The strategy that came to mind was to mention the ennui and existential despair that had come over me as I’d walked up the long, empty, dimly-lit hallway toward my room, transfixed by the dizzying, amoeba-like patterns worked into the carpet, but then to let him off the hook by saying I’d forgive it all if he could run to the store and bring me a tin of Altoids, preferably the invigorating and life-affirming cinnamon-flavored variety.

I enjoyed imagining this phone call as I undressed, got into bed, and hoisted the immense weight of volume 6 of Knausgaard’s My Struggle onto my belly.

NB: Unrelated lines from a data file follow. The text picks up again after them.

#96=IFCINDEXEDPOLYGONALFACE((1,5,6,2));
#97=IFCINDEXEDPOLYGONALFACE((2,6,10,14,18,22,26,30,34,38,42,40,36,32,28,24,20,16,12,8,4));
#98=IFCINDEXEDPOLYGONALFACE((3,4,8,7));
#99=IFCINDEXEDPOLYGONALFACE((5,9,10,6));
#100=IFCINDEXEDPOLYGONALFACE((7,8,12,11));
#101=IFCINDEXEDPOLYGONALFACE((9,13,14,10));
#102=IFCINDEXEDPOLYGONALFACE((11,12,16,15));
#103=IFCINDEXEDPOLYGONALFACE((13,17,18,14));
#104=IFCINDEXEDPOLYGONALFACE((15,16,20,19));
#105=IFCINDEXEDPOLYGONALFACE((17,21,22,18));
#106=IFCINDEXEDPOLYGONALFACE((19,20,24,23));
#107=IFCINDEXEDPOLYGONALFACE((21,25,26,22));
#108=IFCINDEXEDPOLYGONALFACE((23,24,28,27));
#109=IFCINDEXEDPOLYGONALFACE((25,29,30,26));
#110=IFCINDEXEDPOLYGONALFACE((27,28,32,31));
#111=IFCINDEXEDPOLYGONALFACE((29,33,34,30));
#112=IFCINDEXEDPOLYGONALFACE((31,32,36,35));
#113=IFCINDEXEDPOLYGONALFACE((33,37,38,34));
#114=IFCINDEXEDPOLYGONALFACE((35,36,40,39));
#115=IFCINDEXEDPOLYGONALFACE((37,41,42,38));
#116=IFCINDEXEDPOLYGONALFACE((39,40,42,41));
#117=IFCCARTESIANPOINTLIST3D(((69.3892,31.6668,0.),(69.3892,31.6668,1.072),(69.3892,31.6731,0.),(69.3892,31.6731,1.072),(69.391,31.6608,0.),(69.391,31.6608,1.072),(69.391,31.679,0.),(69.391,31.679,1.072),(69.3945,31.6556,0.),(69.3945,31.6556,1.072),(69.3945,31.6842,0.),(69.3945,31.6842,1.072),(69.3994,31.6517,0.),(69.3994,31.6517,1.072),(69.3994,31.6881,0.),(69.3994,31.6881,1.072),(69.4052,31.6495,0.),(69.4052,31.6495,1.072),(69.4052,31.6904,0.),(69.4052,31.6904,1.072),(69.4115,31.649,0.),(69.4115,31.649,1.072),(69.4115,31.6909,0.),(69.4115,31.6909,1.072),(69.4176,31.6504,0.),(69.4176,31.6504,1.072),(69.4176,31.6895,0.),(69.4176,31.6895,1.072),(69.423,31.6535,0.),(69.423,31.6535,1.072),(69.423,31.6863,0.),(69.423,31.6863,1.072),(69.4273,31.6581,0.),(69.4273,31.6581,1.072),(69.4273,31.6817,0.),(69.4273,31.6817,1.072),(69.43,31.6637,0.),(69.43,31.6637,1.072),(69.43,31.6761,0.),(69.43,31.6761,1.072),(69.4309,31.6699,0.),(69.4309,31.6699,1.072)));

But back to checkout. I had handed the clerk my key cards and, thinking we were done, was already turning away, my mind on my unattended luggage at the end of the hall.

“Want to sell your hat?”

“What?” It had been off script, unexpected, so at first I didn’t understand what he’d said.

“Want to sell your hat?” he repeated, with the slight awkwardness of someone repeating a joke. “That’s a great hat.”

“Oh,” I mumbled. “Uh…thanks!”

“Have a great trip!” he said, with a great big cheerful smile.

“You, too!” I replied, trying to match his cheerfulness, not noticing what I’d said until I’d turned away and started down the hall toward the luggage cart.

You, too?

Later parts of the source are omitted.